Por Pedro Valls Feu Rosa
Era o ano de 1888. A Princesa Isabel assinava a Lei Áurea. Naqueles dias iniciava-se em Victoria, capital da Provincia do Espirito-Santo, no Imperio do Brazil, um processo no qual um certo Sebastião Pinto Ribeiro acusava as pessoas de Antonio Pinto da Luz e Josefina Maria da Conceição de “não cumprirem o termo de bem-viver (obrigados a não ofender a moral alheia, abster-se de provocação e outros atos ilícitos)”.
Por conta da gentileza de um amigo recebi cópia digitalizada destes autos, hoje um documento de valor histórico. E eis que, ao longo de uma deliciosa leitura, comecei a perceber que de lá para cá pouca coisa mudou no mundo dos processos!
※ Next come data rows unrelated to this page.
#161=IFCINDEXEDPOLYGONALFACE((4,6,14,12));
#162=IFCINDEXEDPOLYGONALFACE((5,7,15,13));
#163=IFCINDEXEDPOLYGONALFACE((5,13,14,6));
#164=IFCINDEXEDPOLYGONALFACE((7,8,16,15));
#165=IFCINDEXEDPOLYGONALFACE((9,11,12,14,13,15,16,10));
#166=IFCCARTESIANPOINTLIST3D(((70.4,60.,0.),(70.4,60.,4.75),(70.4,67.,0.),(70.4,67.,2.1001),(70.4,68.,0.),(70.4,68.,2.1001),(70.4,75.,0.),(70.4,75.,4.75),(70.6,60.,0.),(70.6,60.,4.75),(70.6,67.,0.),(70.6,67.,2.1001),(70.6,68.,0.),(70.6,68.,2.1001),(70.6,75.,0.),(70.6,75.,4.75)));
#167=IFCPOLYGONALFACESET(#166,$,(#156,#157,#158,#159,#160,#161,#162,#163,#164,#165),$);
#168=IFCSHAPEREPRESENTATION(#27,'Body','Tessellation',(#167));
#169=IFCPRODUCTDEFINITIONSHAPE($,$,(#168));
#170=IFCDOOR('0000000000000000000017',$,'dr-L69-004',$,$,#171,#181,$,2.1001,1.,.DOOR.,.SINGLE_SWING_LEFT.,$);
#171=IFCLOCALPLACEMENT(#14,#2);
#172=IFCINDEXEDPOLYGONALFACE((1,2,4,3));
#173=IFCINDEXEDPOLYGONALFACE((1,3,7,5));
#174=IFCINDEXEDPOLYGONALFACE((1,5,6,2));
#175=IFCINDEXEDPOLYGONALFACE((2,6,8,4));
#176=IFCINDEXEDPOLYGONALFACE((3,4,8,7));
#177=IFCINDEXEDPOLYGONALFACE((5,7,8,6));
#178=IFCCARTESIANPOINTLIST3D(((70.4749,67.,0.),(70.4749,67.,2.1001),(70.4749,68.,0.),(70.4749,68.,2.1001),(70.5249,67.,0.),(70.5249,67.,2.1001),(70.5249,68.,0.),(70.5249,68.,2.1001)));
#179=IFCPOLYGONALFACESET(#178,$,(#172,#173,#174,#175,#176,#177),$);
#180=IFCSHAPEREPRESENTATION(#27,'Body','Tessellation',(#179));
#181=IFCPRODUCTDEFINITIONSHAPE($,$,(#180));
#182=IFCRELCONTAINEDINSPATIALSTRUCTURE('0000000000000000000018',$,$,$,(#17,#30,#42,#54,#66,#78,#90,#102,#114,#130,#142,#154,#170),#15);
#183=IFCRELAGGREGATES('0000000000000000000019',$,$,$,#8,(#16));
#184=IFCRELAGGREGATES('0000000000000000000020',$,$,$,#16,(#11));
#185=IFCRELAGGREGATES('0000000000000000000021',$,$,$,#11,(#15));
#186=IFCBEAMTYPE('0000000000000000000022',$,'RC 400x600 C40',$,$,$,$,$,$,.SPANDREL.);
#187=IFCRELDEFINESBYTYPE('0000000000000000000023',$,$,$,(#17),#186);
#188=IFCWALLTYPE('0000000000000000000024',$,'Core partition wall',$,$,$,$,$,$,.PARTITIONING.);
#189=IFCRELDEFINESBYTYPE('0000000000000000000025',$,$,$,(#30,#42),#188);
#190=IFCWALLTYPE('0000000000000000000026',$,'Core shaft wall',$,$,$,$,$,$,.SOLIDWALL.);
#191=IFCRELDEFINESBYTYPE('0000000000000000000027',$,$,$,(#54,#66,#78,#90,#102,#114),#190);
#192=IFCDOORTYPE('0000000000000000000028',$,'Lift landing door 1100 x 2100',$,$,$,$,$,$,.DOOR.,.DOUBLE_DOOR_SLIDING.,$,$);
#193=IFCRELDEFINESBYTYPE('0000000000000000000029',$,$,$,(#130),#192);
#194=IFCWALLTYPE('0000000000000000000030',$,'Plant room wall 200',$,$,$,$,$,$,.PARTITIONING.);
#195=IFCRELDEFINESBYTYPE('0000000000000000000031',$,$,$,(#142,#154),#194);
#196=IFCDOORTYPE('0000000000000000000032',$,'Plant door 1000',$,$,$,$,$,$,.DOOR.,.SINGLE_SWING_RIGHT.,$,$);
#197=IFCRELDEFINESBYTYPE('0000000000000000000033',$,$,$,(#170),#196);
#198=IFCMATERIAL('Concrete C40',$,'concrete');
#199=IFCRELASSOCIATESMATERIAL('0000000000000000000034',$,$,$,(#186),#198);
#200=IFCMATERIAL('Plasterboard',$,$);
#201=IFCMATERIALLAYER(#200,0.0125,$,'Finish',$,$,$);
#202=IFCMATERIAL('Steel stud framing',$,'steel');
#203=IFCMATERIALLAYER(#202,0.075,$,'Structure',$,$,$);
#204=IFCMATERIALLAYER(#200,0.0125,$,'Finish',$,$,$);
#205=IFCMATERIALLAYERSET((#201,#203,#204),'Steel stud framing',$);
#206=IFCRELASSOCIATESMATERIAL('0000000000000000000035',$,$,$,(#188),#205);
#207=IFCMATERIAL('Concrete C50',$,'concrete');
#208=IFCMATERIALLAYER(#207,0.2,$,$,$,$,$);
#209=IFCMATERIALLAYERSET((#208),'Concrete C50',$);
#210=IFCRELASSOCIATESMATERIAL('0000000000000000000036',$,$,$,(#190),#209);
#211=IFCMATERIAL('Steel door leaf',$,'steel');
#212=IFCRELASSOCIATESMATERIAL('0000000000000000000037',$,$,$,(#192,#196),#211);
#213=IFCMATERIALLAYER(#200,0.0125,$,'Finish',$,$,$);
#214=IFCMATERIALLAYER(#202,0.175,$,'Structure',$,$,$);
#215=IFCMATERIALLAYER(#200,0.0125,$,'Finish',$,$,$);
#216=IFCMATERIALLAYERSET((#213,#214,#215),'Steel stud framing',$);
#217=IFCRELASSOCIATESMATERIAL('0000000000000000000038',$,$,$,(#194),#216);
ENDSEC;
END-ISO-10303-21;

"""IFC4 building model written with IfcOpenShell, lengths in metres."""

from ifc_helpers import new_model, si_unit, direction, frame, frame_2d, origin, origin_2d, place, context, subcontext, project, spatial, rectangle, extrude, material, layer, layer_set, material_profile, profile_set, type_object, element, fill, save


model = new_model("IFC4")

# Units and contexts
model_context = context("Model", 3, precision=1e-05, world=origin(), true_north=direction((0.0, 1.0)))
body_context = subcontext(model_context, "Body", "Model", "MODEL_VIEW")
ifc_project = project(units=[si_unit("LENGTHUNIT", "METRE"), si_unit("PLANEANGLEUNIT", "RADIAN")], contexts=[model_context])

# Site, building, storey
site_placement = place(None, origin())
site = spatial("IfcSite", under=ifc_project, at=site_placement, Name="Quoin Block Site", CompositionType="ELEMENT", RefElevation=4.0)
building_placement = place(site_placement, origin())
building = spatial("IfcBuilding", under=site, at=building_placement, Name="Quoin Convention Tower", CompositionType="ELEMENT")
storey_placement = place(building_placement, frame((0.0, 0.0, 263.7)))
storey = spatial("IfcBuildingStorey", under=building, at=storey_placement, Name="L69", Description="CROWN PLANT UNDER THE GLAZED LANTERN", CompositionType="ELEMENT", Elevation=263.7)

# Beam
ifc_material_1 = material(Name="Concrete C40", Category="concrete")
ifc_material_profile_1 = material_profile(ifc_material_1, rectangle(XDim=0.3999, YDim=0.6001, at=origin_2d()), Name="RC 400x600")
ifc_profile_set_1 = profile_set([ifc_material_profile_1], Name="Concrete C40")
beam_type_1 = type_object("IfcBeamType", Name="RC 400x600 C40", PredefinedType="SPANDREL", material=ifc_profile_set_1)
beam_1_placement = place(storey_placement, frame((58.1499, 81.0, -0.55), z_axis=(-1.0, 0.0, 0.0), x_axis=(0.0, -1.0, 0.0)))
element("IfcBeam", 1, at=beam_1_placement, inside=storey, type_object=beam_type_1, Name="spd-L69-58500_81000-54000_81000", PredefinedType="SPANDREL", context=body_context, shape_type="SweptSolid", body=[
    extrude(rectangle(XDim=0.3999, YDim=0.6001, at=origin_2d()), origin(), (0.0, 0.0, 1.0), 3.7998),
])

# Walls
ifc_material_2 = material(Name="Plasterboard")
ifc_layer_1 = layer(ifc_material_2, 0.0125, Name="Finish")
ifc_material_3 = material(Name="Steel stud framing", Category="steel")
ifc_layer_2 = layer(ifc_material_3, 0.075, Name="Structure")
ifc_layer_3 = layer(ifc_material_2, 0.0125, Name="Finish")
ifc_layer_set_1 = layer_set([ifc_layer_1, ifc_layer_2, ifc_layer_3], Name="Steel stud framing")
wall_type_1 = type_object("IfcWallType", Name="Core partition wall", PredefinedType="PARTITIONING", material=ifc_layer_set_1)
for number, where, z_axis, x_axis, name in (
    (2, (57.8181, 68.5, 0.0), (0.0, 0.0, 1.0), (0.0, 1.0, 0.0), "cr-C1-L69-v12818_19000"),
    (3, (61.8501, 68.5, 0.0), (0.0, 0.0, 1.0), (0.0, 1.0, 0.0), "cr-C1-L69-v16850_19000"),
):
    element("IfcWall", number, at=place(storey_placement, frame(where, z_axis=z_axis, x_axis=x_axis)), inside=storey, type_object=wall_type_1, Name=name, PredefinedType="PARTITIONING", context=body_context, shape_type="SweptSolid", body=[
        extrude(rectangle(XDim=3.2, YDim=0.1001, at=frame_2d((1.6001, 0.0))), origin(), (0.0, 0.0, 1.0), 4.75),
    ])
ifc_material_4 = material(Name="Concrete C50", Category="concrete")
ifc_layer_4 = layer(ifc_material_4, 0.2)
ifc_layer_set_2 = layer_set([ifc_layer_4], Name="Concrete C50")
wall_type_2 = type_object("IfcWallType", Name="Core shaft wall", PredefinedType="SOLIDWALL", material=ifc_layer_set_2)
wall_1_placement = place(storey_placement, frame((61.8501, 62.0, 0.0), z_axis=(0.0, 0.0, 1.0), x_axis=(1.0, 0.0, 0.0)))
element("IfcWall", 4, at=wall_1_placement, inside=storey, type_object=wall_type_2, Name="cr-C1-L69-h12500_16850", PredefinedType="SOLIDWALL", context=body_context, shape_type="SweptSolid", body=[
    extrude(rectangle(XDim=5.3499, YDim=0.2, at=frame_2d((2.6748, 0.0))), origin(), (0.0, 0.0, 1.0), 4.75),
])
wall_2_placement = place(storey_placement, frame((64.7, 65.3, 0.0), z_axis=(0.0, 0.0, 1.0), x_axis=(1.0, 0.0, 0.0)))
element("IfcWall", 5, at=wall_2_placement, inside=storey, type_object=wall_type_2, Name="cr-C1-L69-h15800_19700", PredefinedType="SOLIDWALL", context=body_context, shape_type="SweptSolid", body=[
Lá estavam os “termos”, “juntadas”, “certidões”, “assentadas”, “procurações” etc., tais como ainda utilizados neste século XXI! Poderiam ser inseridos em qualquer processo da atualidade e passariam praticamente desapercebidos.
Nosso sistema legal vive a aurora dos processos virtuais. Já se transformam em reminiscência histórica as montanhas de papel que ao longo de tantos séculos ornamentaram nossos cartórios e juizados.
Fico a me perguntar, porém, sobre o quanto de burocracia inútil temos convertido em “bits”. No quanto temos errado ao utilizar maravilhosos recursos tecnológicos com uma mentalidade ainda presa ao papel.
Lanço um olhar sobre nossas audiências e sessões de julgamento. Hoje já são transmitidas pela Internet. Mas há real modernidade nisto? Até que ponto estamos lançando no espaço virtual rituais bolorentos, criados mais para satisfazer vaidades que para distribuir a verdadeira justiça?
Creio ser oportuno o registro de que não falo sem conhecimento de causa: escrevo programas de computador há mais de 44 anos e sou julgador há mais de 32 anos. Com imensa legitimidade, pois, lamento, e lá do fundo de minha alma, a virtualização do bolor.
Vivemos hoje um momento único. Uma transição fascinante. Uma página na qual deveríamos escrever reflexões as mais profundas sobre a compatibilidade de nossas leis processuais com as necessidades do momento histórico e os recursos tecnológicos que temos à disposição.
Pois é. Retorno ao distante ano de 1888. E vejo que faltou algo na Lei Áurea: libertar o mundo das leis do reacionarismo cego. Da burocracia sem sentido que, malgrado já digital, ainda nos escraviza a todos.